My sister reminded me today that almost three years ago I had a look of anxiety on my face sitting on the metro in Paris. I had just left my stable job in advertising, moved to France and started my own company. For the two years that led up to the actual move, I felt not one ounce of fear. But once I took the plunge and the reality of it sank in, I had an ‘Oh Sh**!’ moment. What if all this doesn’t go according to plan? I carried a ball of fear–a huge knot–in my stomach for about six months after that.
Two years and ten months later, it didn’t go according to plan. But I don’t think I could’ve imagined what lay ahead. When I gave notice at work back in New York (I remember the moment vividly), there’s no way, I could’ve imagined the things that this choice would lead me to create, the people that it would lead me to meet, the hurdles that I’d have to jump over, the fears that I’d have to face, the heights I’d have to climb and the genuine satisfaction that I would feel from doing it all. I wake up every morning (well almost every morning) wanting to do exactly what I’m doing right now–building a place where Black women can connect and feel good about who. they. are.
I wake up every morning wanting to do exactly what I’m doing right now–building a place where Black women can connect and feel good about who they are.
Un-ruly is not every single thing that I want it to be… yet. But it’s pretty close and I know that anything worth doing takes time. I remind myself that by thinking about Paris’ Notre Dame, which took 200 years to build. And I’m sure in those two hundreds years, there were likely some major milestones–major parts of it that were completed and ‘lived in’ and appreciated. I think Un-ruly’s certainly hit a pretty major milestone. We’ve sunk our feet firmly into the online beauty space. We know more about who we are, what we plan on achieving and in what manner. And all of that is reflected in our new look!
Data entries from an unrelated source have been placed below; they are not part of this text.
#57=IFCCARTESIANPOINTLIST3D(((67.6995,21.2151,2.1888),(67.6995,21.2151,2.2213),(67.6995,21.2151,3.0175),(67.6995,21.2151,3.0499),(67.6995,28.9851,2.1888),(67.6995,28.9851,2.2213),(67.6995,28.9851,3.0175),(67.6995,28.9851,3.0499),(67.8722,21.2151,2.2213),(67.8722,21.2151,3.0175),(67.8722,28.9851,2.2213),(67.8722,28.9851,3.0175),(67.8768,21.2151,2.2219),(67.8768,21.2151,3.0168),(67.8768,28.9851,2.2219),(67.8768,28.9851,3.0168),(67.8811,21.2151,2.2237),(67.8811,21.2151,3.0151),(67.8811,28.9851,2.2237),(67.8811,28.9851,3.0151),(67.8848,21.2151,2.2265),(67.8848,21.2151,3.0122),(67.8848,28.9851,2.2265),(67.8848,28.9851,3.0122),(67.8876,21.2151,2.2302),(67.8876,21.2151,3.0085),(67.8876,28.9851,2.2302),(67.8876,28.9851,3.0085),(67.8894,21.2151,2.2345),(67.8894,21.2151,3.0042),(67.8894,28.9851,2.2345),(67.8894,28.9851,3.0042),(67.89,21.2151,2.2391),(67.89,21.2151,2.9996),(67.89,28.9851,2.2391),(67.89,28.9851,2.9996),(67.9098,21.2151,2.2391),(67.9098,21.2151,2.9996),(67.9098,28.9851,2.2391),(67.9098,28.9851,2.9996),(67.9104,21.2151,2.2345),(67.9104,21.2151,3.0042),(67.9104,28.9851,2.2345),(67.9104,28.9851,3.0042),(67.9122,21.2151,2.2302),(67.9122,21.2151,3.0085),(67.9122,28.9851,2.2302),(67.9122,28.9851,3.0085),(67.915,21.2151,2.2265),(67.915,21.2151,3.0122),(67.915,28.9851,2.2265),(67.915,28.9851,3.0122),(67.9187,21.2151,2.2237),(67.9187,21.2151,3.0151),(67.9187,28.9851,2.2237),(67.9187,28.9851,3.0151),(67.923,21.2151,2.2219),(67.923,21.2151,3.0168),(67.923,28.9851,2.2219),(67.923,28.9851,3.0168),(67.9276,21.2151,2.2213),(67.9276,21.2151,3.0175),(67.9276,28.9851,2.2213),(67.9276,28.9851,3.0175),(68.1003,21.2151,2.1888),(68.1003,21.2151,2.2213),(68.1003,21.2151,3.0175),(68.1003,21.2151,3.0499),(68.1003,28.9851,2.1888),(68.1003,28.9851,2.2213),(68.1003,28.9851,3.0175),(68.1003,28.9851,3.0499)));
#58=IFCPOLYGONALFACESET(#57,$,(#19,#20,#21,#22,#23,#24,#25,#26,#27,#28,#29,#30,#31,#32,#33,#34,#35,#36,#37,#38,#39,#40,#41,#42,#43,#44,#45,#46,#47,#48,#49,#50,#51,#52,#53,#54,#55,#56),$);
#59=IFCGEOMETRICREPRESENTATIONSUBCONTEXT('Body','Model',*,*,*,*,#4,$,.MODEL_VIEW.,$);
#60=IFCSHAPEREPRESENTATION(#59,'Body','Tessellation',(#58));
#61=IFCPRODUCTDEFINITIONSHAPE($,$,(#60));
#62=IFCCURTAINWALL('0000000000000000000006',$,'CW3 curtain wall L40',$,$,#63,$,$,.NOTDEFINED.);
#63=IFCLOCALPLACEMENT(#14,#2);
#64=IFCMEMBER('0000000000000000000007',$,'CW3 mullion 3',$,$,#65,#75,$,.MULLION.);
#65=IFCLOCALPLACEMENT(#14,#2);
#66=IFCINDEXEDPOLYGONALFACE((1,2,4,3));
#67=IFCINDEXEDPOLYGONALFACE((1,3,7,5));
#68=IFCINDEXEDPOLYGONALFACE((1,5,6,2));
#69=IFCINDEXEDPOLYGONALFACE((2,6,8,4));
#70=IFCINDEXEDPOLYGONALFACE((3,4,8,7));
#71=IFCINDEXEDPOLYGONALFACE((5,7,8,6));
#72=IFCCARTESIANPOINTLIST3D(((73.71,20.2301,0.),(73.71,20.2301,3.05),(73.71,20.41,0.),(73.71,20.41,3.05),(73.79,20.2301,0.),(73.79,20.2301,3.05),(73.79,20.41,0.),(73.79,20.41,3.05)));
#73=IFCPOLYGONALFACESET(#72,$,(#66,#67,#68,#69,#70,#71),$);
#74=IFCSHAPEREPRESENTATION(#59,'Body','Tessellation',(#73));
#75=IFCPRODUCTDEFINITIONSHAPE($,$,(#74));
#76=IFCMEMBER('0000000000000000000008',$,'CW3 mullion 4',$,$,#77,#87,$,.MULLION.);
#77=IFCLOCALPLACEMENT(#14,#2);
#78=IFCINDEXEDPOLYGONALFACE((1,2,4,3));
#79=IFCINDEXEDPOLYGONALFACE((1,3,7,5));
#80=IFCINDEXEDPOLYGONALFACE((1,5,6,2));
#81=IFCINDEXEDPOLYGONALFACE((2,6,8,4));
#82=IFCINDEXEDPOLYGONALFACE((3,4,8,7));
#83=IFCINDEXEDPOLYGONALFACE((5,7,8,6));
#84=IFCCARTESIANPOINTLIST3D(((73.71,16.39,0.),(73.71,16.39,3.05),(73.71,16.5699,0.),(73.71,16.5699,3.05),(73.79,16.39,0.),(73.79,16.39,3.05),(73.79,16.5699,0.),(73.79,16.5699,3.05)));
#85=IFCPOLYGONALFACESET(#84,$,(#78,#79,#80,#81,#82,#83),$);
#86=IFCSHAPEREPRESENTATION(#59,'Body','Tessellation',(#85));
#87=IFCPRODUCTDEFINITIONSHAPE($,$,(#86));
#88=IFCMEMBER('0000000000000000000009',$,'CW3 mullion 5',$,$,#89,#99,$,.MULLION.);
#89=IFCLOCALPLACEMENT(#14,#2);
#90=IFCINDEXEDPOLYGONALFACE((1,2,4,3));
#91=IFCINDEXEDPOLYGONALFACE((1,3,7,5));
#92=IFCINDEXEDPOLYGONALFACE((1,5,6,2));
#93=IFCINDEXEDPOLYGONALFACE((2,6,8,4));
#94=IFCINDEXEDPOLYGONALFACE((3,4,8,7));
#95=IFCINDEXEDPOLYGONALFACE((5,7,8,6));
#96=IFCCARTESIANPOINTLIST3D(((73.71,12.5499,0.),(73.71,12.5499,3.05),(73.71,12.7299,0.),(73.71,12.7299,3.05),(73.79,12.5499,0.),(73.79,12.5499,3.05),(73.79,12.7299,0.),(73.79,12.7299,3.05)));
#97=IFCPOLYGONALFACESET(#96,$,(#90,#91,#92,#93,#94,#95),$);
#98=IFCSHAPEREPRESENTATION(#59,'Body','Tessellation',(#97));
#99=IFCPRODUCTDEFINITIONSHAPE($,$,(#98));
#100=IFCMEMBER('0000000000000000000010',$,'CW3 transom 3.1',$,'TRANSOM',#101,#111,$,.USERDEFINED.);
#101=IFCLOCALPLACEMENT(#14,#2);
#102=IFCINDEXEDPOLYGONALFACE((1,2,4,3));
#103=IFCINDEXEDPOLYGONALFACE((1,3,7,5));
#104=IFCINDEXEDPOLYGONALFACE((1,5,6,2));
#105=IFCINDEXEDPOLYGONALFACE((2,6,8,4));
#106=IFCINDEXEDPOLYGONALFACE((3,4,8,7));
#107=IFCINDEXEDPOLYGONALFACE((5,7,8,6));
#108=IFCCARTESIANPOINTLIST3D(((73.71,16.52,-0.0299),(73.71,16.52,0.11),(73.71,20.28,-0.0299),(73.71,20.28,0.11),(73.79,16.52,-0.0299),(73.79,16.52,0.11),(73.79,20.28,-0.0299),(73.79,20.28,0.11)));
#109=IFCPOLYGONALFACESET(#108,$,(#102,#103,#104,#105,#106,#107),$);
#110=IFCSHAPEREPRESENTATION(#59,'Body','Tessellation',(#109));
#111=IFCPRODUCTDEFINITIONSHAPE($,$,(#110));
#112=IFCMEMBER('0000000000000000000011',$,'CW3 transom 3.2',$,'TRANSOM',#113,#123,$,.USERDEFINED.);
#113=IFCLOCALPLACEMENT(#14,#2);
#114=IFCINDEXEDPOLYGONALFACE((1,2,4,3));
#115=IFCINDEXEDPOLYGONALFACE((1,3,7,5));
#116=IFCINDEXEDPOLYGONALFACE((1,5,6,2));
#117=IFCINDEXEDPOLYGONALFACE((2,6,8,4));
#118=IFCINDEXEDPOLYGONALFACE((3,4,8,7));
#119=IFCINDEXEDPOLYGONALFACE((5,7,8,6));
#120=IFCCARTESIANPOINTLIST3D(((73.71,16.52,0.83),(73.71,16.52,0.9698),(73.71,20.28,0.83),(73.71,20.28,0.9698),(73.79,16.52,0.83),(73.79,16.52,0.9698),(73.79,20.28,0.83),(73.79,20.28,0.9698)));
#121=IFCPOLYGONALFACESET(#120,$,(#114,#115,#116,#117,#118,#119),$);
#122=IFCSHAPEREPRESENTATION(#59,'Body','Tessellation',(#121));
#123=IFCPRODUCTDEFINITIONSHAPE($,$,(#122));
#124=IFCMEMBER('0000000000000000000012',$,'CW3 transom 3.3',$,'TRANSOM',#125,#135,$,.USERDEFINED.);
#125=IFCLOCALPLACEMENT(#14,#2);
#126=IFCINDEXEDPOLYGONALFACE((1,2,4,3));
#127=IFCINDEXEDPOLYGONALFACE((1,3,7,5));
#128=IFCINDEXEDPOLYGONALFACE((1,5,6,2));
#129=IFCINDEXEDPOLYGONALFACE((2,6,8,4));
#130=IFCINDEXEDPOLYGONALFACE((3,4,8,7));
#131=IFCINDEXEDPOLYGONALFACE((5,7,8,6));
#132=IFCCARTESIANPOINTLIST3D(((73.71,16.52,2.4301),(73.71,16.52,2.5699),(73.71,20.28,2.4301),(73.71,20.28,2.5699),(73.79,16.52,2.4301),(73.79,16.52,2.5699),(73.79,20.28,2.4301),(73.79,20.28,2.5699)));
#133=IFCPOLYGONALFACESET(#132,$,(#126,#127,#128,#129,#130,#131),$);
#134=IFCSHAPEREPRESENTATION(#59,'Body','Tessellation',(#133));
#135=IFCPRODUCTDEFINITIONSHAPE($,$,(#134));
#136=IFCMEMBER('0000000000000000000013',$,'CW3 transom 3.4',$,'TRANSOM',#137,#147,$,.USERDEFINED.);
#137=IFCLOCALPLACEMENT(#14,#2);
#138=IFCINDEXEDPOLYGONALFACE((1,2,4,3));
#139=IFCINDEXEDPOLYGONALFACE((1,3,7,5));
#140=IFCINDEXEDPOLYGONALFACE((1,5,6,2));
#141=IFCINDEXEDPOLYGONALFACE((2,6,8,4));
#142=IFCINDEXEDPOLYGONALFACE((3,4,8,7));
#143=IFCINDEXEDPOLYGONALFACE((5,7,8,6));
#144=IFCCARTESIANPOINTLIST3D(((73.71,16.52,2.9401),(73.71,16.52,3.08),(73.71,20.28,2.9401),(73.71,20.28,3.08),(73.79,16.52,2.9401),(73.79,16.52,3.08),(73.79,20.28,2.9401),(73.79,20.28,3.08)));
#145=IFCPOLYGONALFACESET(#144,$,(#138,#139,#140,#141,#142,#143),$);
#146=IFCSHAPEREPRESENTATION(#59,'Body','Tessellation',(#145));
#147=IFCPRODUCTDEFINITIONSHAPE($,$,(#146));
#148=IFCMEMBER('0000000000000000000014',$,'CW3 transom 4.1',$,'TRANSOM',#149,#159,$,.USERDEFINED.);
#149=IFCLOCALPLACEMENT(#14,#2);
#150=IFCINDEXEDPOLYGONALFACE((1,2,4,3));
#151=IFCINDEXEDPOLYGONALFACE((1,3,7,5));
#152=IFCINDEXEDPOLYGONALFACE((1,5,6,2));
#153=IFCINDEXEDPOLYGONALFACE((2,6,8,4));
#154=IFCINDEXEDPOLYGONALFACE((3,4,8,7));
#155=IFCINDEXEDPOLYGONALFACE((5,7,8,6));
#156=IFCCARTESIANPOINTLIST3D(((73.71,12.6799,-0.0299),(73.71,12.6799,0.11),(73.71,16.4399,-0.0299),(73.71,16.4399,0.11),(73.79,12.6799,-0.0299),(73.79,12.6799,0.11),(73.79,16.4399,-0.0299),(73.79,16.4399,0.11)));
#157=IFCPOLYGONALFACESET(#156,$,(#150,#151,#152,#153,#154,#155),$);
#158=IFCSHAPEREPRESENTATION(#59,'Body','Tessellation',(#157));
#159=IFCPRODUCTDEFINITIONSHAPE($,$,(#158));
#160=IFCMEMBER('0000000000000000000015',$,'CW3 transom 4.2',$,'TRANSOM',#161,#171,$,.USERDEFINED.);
We went through a little rebranding. We have a new logo, new colors… and a slightly different spelling: we’re no longer Un’ruly… we’re Un-ruly (in URL and in spelling :-). Our site’s more robust to accommodate our growth. We’ve expanded into video and we’re dabbling in a little commerce. More on both of those fronts to come. Our team’s a little bigger and global (meet #TeamUnruly on the about page). But I think most importantly, we’re more certain about how we approach beauty. We’ve always taken an in-and-out approach to beauty, looking at it on both a surface and profound level. We kind of did it in the beginning without knowing, but now this approach is more conscious, more deliberate. And that will be reflected more and more in our content. We’re a place for Black hair and women. I love exploring identity as much as I love finding a new way to wrap my scarf. (BTW, I was wearing a towel underneath the yellow scarf to make it ‘plumpier’). So there’s going to be a lot more of all of that to come and I just. can’t. wait!
It’s funny; I’d say now that the fear and anxiety that I initially felt when I jumped into this journey has gone, and has been replaced by certainty and anxiousness. I’m certain about what we are and what we’re creating and I’m excited and anxious to put it out there, like, I really, CANNOT. WAIT!